Touted to enhance endurance and the ability to work harder with less effort, caffeine is popular among endurance athletes and individuals who want a pre-exercise energy boost. Like most ergogenic aids, caffeine's effects vary from person to person. If you rarely drink coffee, you may end up with the jitters and a bad case of "coffee stomach." As with any dietary experiment, consume caffeine during training so there will be no surprises on competition day.

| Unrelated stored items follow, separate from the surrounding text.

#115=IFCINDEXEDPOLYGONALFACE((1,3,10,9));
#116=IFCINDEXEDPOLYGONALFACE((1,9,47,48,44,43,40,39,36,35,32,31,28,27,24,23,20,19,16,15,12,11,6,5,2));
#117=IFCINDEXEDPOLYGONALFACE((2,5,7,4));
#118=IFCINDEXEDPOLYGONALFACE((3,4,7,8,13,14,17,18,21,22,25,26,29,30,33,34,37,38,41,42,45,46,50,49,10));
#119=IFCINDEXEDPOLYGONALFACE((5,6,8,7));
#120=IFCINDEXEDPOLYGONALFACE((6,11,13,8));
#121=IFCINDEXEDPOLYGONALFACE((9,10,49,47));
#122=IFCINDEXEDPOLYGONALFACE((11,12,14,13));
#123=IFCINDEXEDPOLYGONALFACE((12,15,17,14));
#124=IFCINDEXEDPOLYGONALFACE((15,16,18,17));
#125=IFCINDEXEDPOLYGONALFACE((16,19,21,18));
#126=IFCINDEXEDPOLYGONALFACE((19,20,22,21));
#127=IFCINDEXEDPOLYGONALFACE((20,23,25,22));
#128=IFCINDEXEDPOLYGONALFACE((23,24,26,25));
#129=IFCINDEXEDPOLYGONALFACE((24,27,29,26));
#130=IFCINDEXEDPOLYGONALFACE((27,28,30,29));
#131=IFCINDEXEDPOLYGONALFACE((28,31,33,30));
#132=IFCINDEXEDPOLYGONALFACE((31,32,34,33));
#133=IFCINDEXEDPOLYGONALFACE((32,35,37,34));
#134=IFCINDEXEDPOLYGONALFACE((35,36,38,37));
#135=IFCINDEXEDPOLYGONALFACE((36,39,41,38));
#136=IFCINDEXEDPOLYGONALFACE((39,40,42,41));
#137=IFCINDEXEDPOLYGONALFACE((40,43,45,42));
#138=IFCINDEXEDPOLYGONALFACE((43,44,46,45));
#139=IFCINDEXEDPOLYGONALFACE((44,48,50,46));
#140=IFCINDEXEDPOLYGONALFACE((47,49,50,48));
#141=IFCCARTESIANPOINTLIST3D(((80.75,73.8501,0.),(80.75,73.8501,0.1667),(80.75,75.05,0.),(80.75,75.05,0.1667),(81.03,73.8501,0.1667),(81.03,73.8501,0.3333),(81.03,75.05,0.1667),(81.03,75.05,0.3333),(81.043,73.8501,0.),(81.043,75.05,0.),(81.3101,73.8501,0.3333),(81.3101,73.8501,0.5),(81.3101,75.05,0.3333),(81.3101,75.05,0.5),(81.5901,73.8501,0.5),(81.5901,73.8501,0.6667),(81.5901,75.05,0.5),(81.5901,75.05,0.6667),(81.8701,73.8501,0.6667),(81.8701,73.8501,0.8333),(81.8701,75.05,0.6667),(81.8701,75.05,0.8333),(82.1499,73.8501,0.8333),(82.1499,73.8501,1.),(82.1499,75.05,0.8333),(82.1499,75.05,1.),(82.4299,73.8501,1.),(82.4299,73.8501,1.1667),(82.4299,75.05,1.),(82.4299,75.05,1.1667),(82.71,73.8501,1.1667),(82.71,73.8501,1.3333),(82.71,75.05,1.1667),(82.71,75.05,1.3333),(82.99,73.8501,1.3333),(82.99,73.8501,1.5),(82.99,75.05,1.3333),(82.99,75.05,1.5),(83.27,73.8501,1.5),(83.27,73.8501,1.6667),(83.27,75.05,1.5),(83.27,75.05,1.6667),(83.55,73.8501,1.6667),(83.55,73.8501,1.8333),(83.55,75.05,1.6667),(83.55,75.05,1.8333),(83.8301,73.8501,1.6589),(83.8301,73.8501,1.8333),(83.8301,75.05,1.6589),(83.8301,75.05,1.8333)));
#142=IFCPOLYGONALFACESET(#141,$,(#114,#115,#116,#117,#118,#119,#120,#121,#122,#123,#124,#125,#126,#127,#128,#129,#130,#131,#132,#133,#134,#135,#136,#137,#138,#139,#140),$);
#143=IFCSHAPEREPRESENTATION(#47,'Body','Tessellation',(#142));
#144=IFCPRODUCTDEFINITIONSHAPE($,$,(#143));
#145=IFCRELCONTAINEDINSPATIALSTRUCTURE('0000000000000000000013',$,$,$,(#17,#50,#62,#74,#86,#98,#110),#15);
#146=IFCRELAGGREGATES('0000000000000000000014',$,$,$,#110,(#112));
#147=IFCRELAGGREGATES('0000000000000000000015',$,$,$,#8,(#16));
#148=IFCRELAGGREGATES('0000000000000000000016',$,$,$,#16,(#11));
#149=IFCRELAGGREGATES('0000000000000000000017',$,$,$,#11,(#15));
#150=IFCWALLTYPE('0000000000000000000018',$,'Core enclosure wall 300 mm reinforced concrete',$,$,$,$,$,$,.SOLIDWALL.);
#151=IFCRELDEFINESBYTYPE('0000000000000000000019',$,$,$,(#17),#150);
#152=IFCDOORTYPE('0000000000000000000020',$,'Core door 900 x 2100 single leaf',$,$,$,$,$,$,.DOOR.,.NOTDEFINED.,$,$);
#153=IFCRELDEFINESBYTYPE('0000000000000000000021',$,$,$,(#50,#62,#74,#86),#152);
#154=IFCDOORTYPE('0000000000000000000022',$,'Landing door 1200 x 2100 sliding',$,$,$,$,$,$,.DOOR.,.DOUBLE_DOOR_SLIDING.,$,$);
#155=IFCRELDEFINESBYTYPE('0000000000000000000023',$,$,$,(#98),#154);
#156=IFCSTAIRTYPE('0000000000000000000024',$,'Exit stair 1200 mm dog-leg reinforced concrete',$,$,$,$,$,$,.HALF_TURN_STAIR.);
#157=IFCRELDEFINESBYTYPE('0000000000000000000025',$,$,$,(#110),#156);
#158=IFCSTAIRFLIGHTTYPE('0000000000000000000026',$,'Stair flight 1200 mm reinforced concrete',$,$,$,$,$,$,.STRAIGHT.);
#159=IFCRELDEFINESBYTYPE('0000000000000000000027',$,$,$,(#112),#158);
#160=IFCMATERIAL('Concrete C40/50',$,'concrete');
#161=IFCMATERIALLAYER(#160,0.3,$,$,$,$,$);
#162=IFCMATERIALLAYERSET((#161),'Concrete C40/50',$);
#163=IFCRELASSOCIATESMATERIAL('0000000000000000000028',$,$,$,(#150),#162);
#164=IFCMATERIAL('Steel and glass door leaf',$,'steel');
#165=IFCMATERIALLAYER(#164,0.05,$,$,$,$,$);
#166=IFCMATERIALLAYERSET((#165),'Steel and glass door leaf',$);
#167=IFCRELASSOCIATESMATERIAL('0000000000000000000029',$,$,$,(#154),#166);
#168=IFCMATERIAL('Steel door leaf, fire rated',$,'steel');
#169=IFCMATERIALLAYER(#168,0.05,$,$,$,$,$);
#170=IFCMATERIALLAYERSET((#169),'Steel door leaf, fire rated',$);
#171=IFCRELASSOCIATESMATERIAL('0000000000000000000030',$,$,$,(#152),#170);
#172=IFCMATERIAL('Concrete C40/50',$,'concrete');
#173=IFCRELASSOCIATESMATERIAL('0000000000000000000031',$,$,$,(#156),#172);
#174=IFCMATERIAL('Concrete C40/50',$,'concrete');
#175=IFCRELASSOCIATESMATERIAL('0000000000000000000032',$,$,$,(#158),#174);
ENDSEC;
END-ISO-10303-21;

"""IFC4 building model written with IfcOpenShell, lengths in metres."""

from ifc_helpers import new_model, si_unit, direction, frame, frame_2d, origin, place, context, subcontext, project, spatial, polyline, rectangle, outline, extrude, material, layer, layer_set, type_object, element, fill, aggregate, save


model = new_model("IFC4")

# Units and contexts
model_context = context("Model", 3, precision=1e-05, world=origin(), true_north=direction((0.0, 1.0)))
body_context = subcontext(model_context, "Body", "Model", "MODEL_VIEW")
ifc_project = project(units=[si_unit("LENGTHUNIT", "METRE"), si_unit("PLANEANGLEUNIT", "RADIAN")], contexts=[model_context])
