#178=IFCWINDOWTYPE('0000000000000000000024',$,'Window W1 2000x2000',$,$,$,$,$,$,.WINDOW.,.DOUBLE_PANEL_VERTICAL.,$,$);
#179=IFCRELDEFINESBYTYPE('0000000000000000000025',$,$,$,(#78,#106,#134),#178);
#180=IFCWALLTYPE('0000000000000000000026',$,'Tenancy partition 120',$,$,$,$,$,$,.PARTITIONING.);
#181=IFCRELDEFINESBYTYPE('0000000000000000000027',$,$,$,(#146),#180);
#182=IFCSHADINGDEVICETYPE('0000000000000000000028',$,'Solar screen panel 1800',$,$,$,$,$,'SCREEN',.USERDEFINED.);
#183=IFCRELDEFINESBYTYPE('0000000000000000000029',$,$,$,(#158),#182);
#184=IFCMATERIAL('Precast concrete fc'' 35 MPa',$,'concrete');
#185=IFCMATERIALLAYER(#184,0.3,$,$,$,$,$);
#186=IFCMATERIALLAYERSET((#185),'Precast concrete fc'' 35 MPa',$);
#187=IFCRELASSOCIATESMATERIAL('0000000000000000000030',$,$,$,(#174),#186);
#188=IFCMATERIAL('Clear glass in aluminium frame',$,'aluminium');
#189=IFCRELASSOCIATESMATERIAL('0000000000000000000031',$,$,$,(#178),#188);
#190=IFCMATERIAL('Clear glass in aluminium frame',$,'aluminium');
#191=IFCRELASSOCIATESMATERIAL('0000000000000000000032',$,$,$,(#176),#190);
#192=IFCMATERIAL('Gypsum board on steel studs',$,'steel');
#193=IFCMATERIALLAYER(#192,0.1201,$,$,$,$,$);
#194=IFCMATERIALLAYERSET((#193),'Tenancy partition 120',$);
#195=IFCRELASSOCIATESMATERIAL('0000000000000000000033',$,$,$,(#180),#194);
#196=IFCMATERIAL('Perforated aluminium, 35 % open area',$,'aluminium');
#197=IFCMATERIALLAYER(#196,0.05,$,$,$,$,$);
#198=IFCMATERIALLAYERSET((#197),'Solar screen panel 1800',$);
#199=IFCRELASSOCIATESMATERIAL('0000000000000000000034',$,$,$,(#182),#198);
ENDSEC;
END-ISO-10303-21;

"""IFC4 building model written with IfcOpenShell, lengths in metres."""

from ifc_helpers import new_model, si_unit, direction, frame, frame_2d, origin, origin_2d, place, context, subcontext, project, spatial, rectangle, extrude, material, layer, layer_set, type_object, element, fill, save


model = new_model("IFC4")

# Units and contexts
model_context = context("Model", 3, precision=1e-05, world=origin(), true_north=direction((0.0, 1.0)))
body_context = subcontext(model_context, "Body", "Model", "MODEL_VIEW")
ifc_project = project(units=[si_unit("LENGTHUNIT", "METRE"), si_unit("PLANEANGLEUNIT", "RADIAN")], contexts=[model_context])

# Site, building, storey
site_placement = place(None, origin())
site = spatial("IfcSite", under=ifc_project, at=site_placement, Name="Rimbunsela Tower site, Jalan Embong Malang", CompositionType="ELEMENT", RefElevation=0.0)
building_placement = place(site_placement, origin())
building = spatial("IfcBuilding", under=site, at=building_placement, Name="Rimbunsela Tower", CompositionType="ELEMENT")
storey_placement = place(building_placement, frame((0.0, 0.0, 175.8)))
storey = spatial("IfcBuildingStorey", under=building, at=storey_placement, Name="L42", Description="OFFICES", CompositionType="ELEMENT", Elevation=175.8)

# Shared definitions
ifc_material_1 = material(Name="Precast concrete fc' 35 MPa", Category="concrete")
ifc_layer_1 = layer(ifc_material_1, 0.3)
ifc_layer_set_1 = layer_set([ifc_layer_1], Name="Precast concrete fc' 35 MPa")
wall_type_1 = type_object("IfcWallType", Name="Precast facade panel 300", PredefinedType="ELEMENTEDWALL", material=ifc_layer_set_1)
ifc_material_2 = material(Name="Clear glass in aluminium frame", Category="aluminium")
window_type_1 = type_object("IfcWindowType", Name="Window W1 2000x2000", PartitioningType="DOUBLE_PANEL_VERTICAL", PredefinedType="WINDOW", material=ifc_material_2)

Caffeine also has the reputation of being a diuretic and contributing to dehydration. According to Dr. Larry Armstrong of the University of Connecticut, caffeine's diuretic effect is insignificant--especially among regular coffee drinkers. If you prefer to abstain from pre-exercise caffeine, eating appropriately before working out is a reliable method of enhancing endurance and performance. Research suggests athletes who consumed 400 calories at breakfast, three hours prior to endurance exercise, exercised 27 minutes longer than those who did not have breakfast (136 minutes versus 109 minutes). If you will be exercising for more than 90 minutes, you can further enhance endurance by consuming carbs (i.e., sports drink, gel) during exercise.

Ephedra/Ma Huang

Ephedra (also called ma huang) is a stimulant banned by the National Collegiate Athletic Association (NCAA). Ephedra is commonly contained in decongestants, cold medications, diet pills and Ripped Fuel[R]--a popular supplement used to lose weight and enhance energy.

For more information on the effects of ephedra, visit the Centers for Disease Control and Prevention's Web site (www.cdc.gov) to see the number of medical problems and deaths associated with ephedra. In general, athletes and non-athletes should be wary of products containing ephedra and not consume more than 24 mg. of ephedrine a day.